Why does SetThreadPriority sometimes take a really long time?

Raymond Chen

A customer had a video application that gathers information as it runs. Every so often, they need to take all this information, process it, and save it to a database. They perform this processing every fifteen seconds, but they found that whenever the processing occurred, it created enough of a CPU hiccup that the application would drop frames whenever the updates were being processed.

The customer solved the problem by calling Set­Thread­Priority with the THREAD_MODE_BACKGROUND_BEGIN priority level at the start of the update, and then THREAD_MODE_BACKGROUND_END when the update was complete. This reduces the impact of the update on foreground activity, and it seemed to do a good job of getting rid of the glitches.

And then later, they were investigating an unrelated problem, and as part of their investigation, they noticed that the very first time to enter background mode sometimes took over two seconds to complete.
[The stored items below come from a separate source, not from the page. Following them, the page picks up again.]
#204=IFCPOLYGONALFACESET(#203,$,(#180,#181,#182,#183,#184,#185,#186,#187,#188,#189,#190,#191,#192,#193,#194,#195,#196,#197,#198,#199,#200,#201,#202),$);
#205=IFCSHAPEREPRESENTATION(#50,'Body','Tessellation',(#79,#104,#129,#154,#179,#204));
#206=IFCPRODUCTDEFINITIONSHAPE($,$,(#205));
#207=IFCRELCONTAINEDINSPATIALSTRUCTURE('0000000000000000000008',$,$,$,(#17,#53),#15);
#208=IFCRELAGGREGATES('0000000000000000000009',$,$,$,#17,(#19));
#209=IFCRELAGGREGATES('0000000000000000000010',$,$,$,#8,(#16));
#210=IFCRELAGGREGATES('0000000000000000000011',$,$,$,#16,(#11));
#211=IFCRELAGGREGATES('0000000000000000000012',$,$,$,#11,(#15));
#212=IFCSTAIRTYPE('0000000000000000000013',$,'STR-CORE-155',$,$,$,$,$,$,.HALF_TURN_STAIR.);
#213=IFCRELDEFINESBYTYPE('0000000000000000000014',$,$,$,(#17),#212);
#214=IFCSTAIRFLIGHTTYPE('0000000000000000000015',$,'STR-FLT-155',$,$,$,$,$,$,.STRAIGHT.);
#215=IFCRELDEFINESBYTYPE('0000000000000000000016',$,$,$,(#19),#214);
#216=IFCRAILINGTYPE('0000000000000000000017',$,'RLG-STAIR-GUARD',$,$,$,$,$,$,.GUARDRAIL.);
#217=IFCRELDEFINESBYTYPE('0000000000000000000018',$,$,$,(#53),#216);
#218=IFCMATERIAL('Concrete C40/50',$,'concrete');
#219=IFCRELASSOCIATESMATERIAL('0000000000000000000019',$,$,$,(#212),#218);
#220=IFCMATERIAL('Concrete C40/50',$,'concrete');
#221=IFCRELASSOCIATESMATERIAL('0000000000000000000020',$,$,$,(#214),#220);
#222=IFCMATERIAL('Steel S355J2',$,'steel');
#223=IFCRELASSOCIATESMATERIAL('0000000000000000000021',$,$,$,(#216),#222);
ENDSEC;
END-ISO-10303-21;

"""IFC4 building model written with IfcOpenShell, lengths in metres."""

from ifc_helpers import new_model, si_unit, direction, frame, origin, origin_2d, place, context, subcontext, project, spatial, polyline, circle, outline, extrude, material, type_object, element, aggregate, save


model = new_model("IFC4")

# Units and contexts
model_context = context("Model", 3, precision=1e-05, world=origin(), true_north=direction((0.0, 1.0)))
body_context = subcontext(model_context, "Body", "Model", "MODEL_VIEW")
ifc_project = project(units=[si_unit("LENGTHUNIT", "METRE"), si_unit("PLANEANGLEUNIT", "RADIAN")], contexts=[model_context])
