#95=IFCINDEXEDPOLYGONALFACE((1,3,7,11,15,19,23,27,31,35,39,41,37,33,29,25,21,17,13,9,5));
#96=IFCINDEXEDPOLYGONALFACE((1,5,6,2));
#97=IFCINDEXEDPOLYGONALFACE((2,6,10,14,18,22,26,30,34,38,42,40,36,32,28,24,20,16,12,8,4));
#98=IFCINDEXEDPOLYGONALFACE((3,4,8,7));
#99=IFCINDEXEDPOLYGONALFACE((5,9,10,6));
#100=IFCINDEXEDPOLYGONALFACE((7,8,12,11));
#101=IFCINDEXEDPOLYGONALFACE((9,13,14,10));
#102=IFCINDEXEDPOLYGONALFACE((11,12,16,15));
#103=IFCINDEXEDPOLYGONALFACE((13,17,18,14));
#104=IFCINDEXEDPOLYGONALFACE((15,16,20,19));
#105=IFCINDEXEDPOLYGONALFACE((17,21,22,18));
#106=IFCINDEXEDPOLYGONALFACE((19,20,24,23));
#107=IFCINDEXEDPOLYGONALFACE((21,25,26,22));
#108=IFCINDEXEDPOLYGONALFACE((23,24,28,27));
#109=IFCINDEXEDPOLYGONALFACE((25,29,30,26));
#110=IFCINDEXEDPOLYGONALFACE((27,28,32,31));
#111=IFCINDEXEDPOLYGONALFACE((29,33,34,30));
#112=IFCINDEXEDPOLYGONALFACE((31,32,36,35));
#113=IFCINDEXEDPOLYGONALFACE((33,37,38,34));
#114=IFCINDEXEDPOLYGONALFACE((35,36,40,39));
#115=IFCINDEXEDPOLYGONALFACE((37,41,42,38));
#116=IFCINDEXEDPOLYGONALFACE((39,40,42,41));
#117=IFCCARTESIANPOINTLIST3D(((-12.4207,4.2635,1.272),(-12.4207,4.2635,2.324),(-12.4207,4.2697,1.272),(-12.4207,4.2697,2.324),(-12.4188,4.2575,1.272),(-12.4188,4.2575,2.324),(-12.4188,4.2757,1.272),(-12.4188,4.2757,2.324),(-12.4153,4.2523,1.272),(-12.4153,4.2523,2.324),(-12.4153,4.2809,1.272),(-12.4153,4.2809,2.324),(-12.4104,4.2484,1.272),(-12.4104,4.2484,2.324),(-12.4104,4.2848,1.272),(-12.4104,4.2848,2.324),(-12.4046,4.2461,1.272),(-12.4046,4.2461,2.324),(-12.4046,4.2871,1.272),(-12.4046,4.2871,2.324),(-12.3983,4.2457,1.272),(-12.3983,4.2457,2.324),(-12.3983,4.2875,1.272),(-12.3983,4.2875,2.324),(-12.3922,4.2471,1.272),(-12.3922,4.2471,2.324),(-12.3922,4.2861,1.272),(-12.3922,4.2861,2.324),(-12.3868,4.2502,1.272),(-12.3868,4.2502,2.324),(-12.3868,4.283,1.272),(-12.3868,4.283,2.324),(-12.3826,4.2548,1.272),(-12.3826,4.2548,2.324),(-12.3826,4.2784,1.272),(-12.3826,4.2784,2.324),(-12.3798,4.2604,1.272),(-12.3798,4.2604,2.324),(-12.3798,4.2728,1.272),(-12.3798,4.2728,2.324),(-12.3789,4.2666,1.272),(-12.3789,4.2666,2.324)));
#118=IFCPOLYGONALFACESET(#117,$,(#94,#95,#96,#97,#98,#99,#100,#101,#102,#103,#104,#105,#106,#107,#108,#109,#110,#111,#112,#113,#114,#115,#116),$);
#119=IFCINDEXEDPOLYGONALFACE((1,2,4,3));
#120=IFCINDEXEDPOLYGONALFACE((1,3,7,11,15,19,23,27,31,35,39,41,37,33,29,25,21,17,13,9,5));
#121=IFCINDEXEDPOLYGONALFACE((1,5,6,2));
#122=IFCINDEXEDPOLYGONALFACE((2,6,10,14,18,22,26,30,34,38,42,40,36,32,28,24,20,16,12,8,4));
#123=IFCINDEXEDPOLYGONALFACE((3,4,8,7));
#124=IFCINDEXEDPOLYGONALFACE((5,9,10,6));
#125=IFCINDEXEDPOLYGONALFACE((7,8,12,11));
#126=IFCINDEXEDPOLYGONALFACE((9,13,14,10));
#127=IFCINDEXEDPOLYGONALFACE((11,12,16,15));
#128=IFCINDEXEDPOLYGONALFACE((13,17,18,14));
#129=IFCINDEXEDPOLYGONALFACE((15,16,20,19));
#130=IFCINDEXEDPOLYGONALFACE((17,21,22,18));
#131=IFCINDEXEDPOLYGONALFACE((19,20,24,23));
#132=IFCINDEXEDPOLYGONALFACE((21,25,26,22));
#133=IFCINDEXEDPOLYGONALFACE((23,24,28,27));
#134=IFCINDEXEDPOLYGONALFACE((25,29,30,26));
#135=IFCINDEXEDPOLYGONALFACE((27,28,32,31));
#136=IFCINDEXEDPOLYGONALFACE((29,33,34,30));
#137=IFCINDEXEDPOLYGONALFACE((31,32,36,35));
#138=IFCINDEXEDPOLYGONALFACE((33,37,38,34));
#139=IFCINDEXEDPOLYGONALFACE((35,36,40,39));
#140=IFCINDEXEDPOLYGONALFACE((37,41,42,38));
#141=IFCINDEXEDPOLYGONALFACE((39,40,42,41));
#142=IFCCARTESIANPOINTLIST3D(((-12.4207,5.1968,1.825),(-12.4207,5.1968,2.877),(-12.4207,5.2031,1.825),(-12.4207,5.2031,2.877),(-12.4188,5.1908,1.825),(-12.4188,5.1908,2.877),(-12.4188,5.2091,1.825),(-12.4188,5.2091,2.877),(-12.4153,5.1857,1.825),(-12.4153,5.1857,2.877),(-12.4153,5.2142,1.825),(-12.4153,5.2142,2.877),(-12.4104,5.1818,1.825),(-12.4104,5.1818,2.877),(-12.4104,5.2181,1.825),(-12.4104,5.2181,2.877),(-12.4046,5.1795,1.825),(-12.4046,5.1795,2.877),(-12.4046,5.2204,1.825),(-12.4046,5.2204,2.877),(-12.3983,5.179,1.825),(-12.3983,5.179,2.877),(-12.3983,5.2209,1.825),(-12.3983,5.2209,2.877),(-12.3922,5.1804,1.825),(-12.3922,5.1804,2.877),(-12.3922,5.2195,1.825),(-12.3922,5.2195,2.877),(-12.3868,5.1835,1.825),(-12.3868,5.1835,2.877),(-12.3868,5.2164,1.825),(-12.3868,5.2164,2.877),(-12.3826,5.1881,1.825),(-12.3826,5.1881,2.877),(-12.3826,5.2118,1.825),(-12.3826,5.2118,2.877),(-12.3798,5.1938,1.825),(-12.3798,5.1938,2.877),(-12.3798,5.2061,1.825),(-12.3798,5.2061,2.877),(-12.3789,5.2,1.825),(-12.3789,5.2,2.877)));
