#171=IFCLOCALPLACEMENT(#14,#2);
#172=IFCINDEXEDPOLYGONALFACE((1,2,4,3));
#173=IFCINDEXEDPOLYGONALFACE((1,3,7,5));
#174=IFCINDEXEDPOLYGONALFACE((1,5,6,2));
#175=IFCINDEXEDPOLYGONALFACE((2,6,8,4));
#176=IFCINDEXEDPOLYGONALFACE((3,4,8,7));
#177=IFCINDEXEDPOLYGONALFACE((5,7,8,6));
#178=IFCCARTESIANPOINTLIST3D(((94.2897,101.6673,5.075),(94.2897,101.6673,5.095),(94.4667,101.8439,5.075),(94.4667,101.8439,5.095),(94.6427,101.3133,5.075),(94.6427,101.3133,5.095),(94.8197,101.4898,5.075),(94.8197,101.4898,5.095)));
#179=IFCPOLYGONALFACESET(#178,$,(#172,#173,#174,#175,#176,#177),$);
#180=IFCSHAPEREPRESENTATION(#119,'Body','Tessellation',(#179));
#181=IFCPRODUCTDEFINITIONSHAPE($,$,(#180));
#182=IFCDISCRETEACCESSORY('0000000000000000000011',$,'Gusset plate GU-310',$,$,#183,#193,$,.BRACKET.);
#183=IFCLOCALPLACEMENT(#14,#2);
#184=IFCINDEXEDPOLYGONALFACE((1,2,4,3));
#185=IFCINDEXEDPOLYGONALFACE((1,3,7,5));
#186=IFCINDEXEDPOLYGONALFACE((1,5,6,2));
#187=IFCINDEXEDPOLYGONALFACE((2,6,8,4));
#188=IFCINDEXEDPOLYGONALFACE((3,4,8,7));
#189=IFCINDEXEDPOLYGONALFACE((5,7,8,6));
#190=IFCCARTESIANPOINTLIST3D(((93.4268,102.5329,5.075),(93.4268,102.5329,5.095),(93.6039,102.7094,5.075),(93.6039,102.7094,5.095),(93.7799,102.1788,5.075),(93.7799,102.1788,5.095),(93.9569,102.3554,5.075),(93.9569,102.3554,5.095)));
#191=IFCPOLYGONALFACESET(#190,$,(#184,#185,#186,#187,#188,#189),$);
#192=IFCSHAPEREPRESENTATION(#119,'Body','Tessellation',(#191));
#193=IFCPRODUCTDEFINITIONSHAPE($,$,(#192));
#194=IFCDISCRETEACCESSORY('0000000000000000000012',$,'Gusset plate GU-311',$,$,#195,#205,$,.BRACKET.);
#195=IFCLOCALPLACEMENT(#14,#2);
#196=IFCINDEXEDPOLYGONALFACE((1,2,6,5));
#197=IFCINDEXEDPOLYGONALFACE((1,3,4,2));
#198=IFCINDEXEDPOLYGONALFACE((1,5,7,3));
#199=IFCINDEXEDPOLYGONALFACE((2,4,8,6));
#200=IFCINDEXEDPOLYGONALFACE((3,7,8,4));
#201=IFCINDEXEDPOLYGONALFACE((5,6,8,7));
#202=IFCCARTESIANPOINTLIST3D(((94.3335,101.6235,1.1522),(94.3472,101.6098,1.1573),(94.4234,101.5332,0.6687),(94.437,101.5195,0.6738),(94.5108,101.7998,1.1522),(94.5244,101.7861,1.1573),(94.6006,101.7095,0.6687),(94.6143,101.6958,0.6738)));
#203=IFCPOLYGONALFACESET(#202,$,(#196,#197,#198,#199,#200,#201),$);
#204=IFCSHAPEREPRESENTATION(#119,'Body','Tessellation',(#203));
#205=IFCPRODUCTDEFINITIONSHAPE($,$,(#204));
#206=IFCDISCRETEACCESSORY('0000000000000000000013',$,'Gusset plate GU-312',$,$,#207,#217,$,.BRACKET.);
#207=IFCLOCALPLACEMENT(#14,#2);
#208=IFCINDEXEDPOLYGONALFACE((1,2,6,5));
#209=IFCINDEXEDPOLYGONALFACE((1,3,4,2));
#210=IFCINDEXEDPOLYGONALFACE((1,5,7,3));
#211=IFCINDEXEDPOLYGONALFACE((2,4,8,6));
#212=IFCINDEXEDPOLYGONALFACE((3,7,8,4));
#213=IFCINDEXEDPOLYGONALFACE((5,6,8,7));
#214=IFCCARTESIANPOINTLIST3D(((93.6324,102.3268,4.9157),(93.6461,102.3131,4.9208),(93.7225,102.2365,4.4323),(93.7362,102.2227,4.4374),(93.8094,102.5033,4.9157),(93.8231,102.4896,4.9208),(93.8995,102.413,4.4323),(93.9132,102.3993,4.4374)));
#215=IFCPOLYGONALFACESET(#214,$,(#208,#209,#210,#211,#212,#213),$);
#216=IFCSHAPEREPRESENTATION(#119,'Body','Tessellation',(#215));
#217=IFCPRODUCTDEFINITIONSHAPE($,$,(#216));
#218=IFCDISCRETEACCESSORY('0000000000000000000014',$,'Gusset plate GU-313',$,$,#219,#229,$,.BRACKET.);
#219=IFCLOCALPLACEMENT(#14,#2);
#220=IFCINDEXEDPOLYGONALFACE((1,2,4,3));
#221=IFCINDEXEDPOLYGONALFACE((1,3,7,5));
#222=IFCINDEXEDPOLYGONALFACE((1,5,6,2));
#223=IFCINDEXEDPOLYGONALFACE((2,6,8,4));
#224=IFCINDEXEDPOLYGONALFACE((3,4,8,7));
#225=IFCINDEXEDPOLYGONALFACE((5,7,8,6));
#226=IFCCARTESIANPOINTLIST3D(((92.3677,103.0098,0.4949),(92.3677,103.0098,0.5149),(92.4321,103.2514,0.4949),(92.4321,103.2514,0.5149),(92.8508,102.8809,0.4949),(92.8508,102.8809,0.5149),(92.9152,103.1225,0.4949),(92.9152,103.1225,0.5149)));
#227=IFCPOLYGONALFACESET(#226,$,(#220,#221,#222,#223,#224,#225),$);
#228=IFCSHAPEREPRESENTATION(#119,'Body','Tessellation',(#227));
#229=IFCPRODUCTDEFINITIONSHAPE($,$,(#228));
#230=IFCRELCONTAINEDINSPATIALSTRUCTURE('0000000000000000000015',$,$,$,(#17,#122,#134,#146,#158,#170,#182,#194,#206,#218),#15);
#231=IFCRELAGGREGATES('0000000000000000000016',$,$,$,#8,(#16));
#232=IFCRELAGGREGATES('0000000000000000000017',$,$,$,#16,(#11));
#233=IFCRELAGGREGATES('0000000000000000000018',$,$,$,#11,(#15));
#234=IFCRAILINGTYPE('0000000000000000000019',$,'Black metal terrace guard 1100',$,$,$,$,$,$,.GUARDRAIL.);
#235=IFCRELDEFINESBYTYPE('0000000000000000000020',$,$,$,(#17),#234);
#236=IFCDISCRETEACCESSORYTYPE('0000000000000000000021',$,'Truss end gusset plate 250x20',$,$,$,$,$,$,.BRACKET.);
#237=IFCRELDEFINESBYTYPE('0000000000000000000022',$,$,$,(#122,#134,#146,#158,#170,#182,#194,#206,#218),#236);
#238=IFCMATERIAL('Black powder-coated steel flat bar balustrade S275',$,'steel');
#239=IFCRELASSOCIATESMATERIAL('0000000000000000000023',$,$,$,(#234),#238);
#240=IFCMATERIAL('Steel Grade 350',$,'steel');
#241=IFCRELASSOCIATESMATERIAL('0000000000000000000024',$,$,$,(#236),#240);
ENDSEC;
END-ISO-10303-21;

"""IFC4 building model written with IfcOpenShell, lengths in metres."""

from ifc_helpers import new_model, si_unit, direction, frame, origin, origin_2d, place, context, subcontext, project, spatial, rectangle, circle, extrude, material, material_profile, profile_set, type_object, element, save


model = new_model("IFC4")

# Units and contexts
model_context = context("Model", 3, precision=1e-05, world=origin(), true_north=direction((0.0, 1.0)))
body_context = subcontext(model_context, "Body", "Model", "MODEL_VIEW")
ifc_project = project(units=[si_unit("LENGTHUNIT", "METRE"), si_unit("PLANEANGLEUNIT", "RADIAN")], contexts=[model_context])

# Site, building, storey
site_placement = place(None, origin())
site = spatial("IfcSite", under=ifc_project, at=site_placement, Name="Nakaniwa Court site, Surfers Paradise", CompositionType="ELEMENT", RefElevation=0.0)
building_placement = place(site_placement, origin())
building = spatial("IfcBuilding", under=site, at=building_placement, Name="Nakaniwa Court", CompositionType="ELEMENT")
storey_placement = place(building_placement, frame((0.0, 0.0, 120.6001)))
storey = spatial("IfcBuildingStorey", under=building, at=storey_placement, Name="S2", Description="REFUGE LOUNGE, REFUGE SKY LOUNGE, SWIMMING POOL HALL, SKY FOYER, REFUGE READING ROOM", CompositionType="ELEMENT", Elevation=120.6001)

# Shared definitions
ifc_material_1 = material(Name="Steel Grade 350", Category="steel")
This initial update happened to take place as part of the application’s startup, which meant that the long delay was directly affecting the application’s startup time.

Further investigation revealed that this extra-long delay occurred only if the application was launched shortly after the machine was rebooted. If the system had been running for a while before the application was run, then the delay was not observed.

What’s going on here?

What’s going on here is that the system is doing exactly what you asked it to do. You said, “Please reduce the priority of this thread to minimize its impact on the rest of the system.” And shortly after a system boots up, there’s a lot of activity. Since you said that the thread should have minimal impact on the rest of the system, the thread gets stalled behind all those other activities.

“It’s okay. Don’t worry about me. I’ll be fine.”

“Hey, why aren’t you paying attention to me?”

The thread said that it wants to run at very low priority, and the main consequence of running at very low priority is that it gets very low priority. The application didn’t notice this most of the time because the system usually had enough spare capacity that it could deal even with very low priority things relatively promptly. But once the system gets busy, those very low priority things may end up having to wait a long time.

One the customer understood that this was a problem of their own creation, there were a few possible solutions.

One solution was to suppress the call to lower the thread’s priority if the application is still starting up. During startup, update the database at normal priority instead of low priority.

What the customer chose to do was simply to suppress database updates completely when the application is starting up. The application will update the databases in the background after everything else is off and running.